のすたる爺や

文明の果てなる地からのメッセージ

ミュシャ展に行ってきました

2017年05月25日 | 日記・エッセイ・コラム

 お江戸に見分を広めに行ってきました。

 チェコの画家のミュシャ展が開催されており、このチャンスを逃したら生涯こんな機会はなかろうと前々から上京するチャンスをうかがっていました。

 20世紀の終わりにプラハで一連の作品を見てきたのですが、天井画なども近くで見られるそうなので楽しみにしていました。

 早朝、蚕に桑を与えてから新幹線でお江戸に。

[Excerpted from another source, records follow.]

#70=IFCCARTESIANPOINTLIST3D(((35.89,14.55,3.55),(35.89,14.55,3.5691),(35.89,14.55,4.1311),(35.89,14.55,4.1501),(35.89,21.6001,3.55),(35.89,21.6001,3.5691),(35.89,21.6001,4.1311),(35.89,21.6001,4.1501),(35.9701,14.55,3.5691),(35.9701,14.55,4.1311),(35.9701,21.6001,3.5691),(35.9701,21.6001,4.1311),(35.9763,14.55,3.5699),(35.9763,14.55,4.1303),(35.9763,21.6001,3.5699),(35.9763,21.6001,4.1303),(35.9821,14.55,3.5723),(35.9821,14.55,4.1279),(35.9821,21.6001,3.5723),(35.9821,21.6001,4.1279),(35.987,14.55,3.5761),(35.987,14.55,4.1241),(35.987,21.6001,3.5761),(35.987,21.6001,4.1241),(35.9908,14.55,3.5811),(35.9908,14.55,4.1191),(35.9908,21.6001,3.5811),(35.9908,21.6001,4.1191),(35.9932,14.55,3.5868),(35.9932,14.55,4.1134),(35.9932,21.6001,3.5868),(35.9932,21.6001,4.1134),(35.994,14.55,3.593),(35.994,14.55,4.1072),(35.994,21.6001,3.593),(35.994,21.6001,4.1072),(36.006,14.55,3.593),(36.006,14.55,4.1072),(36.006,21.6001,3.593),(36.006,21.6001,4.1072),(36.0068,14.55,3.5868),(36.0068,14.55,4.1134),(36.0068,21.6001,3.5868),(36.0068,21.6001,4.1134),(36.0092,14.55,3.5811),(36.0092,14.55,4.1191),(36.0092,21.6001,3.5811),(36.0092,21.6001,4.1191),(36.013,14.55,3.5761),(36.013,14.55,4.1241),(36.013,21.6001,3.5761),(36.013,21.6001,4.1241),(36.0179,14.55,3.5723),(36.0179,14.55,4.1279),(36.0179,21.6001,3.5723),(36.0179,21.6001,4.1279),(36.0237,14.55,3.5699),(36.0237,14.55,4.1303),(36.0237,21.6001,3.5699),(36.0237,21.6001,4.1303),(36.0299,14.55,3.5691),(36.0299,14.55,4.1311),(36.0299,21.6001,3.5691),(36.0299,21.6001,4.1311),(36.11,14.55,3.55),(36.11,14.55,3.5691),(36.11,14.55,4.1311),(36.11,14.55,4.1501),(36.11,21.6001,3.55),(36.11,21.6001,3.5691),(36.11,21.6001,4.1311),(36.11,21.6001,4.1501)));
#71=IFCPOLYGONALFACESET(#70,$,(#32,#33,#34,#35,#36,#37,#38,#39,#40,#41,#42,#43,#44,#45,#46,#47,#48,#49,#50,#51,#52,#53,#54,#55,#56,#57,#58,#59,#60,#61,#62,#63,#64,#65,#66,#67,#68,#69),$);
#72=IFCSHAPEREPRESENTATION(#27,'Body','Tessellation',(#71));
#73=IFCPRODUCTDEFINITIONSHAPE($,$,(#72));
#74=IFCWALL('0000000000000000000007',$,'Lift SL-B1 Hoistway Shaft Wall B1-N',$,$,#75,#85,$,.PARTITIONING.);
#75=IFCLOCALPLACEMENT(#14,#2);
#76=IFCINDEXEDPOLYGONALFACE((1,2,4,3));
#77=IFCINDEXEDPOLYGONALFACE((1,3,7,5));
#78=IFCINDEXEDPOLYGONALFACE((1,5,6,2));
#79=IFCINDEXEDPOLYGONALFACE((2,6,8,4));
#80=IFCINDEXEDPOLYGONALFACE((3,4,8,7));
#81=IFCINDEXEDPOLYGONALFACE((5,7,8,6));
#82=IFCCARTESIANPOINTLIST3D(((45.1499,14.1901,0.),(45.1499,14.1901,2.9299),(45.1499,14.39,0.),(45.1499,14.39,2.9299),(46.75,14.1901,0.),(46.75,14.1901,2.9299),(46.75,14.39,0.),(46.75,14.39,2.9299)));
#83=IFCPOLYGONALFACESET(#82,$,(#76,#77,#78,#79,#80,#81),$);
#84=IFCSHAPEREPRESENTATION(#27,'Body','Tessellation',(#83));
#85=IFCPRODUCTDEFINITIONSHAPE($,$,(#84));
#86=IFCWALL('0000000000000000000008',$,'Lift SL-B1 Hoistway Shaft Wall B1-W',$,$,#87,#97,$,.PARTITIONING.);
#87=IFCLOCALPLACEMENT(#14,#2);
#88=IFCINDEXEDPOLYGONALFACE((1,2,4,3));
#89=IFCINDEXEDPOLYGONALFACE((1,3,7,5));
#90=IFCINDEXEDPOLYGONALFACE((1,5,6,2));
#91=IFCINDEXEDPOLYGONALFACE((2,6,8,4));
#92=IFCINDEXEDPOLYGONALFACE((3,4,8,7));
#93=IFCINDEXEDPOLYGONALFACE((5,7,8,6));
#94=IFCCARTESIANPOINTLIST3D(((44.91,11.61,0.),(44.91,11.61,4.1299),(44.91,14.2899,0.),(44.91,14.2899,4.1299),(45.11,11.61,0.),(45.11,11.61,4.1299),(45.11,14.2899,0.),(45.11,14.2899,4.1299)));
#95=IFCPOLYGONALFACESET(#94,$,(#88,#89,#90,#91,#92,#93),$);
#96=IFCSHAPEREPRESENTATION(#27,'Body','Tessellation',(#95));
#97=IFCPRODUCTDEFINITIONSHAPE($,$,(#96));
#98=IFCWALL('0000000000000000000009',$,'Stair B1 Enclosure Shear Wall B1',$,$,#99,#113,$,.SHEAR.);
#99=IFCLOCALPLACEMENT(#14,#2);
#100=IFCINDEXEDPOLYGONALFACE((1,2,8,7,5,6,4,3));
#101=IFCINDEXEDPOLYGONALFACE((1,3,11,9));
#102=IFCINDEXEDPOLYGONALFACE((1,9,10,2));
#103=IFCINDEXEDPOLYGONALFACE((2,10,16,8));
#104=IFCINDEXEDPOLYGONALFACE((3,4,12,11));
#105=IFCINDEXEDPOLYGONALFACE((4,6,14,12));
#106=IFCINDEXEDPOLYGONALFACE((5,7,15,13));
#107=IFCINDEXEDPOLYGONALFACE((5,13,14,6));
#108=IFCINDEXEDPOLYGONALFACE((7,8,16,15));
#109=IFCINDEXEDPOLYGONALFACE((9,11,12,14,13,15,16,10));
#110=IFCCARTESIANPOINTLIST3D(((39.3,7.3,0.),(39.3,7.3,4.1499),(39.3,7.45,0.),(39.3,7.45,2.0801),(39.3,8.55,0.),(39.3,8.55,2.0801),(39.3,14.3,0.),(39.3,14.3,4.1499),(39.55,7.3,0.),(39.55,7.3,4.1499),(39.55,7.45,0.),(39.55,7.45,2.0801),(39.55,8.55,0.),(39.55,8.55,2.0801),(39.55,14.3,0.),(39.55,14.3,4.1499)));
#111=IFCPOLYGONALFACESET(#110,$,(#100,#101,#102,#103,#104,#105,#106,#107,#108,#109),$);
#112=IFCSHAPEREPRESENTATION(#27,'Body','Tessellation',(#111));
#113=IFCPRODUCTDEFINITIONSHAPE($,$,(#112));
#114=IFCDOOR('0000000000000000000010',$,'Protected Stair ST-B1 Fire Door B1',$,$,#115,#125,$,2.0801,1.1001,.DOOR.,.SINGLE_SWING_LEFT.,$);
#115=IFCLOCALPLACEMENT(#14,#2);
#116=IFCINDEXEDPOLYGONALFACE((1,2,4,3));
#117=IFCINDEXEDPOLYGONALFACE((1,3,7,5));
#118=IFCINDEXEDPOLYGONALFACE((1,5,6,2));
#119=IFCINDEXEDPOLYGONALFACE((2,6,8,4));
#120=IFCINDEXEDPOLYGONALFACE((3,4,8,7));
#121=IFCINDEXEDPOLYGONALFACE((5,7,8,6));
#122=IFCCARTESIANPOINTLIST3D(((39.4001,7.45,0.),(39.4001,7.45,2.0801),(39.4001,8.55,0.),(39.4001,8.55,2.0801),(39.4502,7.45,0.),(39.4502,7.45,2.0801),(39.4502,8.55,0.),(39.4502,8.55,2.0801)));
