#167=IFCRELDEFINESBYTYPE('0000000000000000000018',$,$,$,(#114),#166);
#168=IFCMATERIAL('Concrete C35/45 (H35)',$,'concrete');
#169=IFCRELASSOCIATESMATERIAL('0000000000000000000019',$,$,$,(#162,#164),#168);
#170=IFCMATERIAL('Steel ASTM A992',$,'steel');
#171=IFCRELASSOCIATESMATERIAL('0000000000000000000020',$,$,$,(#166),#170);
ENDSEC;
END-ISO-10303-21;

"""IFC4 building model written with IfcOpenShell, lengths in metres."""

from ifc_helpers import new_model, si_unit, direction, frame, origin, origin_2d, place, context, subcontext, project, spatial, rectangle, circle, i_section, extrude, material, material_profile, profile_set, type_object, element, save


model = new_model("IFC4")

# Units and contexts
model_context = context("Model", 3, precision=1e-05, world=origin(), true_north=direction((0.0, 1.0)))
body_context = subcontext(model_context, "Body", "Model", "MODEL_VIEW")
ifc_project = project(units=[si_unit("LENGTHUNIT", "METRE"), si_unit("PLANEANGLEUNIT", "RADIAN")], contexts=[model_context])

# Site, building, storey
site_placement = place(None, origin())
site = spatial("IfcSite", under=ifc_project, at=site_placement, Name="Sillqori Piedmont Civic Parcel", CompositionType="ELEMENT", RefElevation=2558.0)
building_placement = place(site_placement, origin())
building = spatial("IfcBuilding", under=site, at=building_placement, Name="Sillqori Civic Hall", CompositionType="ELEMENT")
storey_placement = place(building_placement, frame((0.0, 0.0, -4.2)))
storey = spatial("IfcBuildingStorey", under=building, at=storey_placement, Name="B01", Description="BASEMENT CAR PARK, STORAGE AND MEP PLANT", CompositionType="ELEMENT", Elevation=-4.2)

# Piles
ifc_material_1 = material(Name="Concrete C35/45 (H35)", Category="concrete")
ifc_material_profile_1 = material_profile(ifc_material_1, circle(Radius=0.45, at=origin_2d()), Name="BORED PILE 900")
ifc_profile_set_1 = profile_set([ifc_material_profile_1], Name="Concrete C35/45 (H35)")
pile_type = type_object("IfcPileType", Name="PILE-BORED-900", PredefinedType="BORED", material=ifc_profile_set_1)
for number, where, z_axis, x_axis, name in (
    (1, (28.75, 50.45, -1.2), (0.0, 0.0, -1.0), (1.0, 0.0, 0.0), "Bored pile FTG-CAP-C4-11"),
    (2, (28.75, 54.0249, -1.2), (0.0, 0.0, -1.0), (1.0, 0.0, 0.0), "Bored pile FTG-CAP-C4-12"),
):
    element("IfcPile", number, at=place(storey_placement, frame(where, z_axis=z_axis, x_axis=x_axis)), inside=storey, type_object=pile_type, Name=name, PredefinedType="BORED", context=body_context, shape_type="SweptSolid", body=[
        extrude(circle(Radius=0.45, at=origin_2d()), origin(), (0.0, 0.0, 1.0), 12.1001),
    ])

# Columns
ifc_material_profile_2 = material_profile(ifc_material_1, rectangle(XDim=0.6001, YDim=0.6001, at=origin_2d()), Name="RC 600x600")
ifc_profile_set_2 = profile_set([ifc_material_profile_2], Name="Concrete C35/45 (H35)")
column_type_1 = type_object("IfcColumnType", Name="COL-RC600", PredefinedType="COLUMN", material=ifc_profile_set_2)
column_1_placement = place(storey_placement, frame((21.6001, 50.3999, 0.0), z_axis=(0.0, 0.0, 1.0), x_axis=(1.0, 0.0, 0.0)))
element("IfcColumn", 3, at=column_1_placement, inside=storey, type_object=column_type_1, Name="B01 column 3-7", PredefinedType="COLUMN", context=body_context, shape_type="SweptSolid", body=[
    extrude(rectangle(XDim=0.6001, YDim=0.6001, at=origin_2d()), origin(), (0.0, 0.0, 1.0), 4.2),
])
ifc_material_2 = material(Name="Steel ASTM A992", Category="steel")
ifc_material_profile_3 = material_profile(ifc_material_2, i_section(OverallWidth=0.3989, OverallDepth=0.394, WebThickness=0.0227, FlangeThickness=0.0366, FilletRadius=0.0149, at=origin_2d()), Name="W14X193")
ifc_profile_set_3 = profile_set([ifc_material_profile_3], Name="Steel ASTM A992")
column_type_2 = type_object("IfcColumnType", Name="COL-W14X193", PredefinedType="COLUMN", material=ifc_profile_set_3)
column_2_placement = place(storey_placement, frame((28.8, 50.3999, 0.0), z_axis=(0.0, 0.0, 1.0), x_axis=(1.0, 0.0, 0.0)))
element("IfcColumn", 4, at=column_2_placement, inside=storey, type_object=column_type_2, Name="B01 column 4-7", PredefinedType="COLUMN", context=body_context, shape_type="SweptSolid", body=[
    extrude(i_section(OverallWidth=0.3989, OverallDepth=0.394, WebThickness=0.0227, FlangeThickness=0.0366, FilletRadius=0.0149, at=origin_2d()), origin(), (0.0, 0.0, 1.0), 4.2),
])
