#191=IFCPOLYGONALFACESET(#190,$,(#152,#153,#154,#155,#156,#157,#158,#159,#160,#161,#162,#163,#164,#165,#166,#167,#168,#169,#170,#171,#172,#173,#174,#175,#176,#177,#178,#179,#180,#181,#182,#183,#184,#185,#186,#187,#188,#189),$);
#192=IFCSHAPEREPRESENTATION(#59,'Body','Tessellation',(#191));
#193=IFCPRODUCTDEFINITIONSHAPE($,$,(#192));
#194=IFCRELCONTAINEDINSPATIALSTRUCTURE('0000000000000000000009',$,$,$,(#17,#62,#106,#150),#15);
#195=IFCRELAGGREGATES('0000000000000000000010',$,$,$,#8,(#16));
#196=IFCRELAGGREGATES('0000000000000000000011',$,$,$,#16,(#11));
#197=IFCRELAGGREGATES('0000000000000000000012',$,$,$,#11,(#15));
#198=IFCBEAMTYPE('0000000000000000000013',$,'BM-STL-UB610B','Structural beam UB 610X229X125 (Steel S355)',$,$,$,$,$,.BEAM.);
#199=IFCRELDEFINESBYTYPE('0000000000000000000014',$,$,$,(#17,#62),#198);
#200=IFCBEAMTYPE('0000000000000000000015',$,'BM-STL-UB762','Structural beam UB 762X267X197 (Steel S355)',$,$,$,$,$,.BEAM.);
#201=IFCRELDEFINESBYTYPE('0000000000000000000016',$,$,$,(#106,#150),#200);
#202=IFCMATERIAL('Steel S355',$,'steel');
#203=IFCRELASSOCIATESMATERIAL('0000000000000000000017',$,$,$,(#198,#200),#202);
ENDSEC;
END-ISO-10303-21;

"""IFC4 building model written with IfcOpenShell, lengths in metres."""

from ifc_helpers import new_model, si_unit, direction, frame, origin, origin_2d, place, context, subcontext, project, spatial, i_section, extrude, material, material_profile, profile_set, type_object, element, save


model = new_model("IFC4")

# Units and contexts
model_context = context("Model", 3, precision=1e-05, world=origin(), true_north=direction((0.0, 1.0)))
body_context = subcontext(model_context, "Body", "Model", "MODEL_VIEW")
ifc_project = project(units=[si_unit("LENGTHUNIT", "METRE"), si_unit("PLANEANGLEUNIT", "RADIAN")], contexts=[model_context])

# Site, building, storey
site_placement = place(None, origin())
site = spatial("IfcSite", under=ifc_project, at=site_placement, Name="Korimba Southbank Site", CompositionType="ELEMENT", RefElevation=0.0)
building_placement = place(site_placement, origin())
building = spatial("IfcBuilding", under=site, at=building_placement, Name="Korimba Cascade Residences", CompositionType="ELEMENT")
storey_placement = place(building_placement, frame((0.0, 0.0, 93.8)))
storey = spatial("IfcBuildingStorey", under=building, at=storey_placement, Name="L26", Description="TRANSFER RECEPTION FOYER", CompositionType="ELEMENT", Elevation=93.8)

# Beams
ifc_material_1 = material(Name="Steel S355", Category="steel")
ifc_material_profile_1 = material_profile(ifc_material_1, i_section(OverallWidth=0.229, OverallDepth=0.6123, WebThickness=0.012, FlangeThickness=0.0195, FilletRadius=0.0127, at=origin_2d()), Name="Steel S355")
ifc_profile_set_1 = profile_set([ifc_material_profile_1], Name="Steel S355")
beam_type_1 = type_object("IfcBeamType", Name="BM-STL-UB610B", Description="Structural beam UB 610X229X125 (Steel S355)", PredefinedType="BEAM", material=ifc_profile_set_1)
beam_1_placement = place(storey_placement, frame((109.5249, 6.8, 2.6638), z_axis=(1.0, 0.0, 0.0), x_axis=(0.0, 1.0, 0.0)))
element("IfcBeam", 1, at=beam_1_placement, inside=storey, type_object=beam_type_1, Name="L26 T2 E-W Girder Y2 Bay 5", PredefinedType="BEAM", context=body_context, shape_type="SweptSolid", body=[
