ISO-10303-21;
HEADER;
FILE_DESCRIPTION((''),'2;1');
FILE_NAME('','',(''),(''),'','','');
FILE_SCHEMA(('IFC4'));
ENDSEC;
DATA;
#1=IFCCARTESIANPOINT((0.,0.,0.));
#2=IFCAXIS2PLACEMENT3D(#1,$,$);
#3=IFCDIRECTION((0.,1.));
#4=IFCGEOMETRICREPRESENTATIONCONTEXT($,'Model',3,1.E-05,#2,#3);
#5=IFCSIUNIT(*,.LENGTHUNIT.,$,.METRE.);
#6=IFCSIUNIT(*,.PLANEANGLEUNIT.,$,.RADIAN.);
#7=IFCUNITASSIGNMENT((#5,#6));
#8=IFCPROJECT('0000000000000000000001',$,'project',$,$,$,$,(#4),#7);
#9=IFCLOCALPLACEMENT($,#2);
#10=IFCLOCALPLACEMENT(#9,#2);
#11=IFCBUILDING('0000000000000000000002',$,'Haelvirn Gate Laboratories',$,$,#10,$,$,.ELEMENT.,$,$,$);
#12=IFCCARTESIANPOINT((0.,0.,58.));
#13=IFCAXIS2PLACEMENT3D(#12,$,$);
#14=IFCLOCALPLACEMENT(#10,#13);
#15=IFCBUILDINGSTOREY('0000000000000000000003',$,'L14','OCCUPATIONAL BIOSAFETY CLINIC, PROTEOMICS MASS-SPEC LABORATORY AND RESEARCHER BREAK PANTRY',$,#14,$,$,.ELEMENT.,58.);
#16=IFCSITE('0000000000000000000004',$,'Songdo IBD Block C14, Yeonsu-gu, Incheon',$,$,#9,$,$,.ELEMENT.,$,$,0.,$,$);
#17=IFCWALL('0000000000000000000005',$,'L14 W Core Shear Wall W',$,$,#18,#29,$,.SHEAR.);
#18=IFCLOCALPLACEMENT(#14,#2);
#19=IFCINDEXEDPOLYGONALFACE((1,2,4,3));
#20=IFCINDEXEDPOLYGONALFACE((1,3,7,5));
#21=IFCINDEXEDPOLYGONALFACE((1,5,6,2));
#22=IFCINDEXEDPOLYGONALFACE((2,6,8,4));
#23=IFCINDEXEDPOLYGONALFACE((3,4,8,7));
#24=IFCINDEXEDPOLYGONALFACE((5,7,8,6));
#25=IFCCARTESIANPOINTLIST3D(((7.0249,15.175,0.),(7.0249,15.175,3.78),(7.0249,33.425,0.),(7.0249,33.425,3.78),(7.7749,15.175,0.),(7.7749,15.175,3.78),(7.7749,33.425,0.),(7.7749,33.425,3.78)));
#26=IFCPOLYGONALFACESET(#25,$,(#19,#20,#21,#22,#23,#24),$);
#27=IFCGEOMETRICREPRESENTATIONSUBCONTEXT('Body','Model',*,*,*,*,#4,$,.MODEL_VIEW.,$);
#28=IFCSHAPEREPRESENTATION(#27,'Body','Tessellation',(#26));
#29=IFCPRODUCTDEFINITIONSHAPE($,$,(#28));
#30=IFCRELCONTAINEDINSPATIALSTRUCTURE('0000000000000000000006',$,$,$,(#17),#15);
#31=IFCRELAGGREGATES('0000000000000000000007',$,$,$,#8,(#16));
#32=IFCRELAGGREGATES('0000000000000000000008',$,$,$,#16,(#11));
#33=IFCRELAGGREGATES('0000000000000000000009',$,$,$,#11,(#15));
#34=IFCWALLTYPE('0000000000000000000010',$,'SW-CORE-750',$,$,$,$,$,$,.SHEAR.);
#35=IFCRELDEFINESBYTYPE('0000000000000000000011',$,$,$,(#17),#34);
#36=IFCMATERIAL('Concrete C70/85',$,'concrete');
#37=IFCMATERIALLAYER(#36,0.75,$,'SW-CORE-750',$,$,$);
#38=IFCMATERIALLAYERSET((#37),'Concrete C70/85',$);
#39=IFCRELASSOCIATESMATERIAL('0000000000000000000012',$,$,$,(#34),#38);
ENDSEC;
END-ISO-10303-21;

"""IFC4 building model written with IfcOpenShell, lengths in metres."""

from ifc_helpers import new_model, si_unit, direction, frame, frame_2d, origin, place, context, subcontext, project, spatial, rectangle, extrude, material, layer, layer_set, type_object, element, save


model = new_model("IFC4")

# Units and contexts
model_context = context("Model", 3, precision=1e-05, world=origin(), true_north=direction((0.0, 1.0)))
body_context = subcontext(model_context, "Body", "Model", "MODEL_VIEW")
ifc_project = project(units=[si_unit("LENGTHUNIT", "METRE"), si_unit("PLANEANGLEUNIT", "RADIAN")], contexts=[model_context])

# Site, building, storey
site_placement = place(None, origin())
site = spatial("IfcSite", under=ifc_project, at=site_placement, Name="Songdo IBD Block C14, Yeonsu-gu, Incheon", CompositionType="ELEMENT", RefElevation=0.0)
building_placement = place(site_placement, origin())
building = spatial("IfcBuilding", under=site, at=building_placement, Name="Haelvirn Gate Laboratories", CompositionType="ELEMENT")
storey_placement = place(building_placement, frame((0.0, 0.0, 58.0)))
storey = spatial("IfcBuildingStorey", under=building, at=storey_placement, Name="L14", Description="OCCUPATIONAL BIOSAFETY CLINIC, PROTEOMICS MASS-SPEC LABORATORY AND RESEARCHER BREAK PANTRY", CompositionType="ELEMENT", Elevation=58.0)

# Shared definitions
ifc_material_1 = material(Name="Concrete C70/85", Category="concrete")

# Wall
ifc_layer_1 = layer(ifc_material_1, 0.75, Name="SW-CORE-750")
ifc_layer_set_1 = layer_set([ifc_layer_1], Name="Concrete C70/85")
wall_type_1 = type_object("IfcWallType", Name="SW-CORE-750", PredefinedType="SHEAR", material=ifc_layer_set_1)
wall_1_placement = place(storey_placement, frame((7.3999, 15.175, 0.0), z_axis=(0.0, 0.0, 1.0), x_axis=(0.0, 1.0, 0.0)))
element("IfcWall", 1, at=wall_1_placement, inside=storey, type_object=wall_type_1, Name="L14 W Core Shear Wall W", PredefinedType="SHEAR", context=body_context, shape_type="SweptSolid", body=[
    extrude(rectangle(XDim=18.25, YDim=0.75, at=frame_2d((9.125, 0.0))), origin(), (0.0, 0.0, 1.0), 3.78),
])

save(model, "model.ifc")
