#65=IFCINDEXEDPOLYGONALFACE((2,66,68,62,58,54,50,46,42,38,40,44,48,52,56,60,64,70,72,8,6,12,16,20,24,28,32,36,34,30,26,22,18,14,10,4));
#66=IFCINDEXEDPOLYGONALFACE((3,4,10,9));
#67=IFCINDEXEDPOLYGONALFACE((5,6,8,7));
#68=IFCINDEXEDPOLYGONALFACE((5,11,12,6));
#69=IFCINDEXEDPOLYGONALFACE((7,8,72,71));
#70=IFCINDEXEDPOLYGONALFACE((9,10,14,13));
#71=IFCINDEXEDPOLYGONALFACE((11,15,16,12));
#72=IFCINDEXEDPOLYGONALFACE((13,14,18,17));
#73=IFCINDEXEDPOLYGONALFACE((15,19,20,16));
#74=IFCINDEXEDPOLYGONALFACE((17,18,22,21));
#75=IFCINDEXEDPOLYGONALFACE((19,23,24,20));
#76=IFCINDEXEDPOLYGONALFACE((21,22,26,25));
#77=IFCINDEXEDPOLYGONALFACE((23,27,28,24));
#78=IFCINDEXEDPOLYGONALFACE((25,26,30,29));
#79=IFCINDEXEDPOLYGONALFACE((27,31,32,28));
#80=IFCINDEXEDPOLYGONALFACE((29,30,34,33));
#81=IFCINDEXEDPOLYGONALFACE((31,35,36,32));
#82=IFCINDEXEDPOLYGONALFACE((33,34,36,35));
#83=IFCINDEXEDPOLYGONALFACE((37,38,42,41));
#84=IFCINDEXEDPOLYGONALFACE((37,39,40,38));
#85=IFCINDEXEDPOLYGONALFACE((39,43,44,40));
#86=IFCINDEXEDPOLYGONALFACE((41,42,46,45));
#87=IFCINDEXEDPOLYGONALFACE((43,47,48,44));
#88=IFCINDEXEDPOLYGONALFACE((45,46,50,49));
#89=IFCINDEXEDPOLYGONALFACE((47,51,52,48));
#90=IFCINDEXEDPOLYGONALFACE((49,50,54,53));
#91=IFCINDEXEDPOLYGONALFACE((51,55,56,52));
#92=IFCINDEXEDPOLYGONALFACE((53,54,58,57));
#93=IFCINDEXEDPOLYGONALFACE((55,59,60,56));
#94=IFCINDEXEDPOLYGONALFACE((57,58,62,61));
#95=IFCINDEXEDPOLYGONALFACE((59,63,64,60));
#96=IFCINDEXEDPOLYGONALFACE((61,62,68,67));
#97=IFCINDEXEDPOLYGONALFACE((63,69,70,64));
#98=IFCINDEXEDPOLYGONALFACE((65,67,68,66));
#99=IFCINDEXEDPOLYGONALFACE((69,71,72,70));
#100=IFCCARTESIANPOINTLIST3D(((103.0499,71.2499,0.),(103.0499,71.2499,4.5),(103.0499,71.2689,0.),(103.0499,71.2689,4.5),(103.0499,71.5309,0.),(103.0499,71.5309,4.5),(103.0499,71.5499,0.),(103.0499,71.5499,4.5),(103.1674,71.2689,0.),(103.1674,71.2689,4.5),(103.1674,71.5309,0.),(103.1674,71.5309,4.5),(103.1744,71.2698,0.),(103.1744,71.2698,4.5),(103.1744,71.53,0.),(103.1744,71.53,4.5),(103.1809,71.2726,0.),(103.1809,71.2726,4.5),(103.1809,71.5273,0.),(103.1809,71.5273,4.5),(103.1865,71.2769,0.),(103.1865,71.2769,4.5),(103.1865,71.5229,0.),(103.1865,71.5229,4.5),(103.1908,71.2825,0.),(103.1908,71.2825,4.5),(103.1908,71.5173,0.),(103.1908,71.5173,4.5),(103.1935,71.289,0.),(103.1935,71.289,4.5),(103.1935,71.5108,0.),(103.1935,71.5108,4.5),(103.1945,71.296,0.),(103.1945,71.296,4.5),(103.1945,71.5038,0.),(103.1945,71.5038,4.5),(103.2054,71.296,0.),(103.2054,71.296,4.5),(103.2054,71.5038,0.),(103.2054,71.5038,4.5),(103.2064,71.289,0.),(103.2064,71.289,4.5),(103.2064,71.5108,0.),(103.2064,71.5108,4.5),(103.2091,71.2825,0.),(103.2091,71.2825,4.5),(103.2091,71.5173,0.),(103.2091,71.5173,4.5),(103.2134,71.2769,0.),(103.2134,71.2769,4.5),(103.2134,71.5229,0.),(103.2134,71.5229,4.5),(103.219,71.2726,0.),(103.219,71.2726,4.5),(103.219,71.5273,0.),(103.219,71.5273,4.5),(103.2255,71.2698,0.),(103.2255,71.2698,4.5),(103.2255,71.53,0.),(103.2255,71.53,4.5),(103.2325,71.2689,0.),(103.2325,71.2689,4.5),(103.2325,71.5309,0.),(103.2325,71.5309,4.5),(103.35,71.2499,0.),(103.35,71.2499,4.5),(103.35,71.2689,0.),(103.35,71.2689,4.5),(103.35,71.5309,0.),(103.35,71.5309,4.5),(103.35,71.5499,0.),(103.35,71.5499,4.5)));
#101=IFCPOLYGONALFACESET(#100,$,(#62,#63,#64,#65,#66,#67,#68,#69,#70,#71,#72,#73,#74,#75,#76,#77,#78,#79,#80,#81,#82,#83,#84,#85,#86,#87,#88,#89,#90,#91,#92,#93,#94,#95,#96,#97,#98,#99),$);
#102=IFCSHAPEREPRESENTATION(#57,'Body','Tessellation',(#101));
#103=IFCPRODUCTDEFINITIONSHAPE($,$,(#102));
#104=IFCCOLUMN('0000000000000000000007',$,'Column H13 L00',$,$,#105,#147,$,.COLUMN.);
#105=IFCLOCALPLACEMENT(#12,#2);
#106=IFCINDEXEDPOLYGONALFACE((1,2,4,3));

この3月に行ったときは携帯電話で改札を通過するお江戸人に圧倒されたので新しいガラケーに替えました。通話も5分以内ならカケホーダイと言うプラン。

 地下鉄対策は携帯屋のおねえさんがスイカがどうのこうのチャージが云々と言ってたので、今年はスイカの苗を植えました。そろそろ花が咲くころです。最近珍しくなった黄色い小玉のスイカも作ってみました。問題は収穫の頃になるとサルがかっぱらって行くのでその対策を講じなければなりませんが、今のところスイカは元気に育っています。バッテリーもチャージしました。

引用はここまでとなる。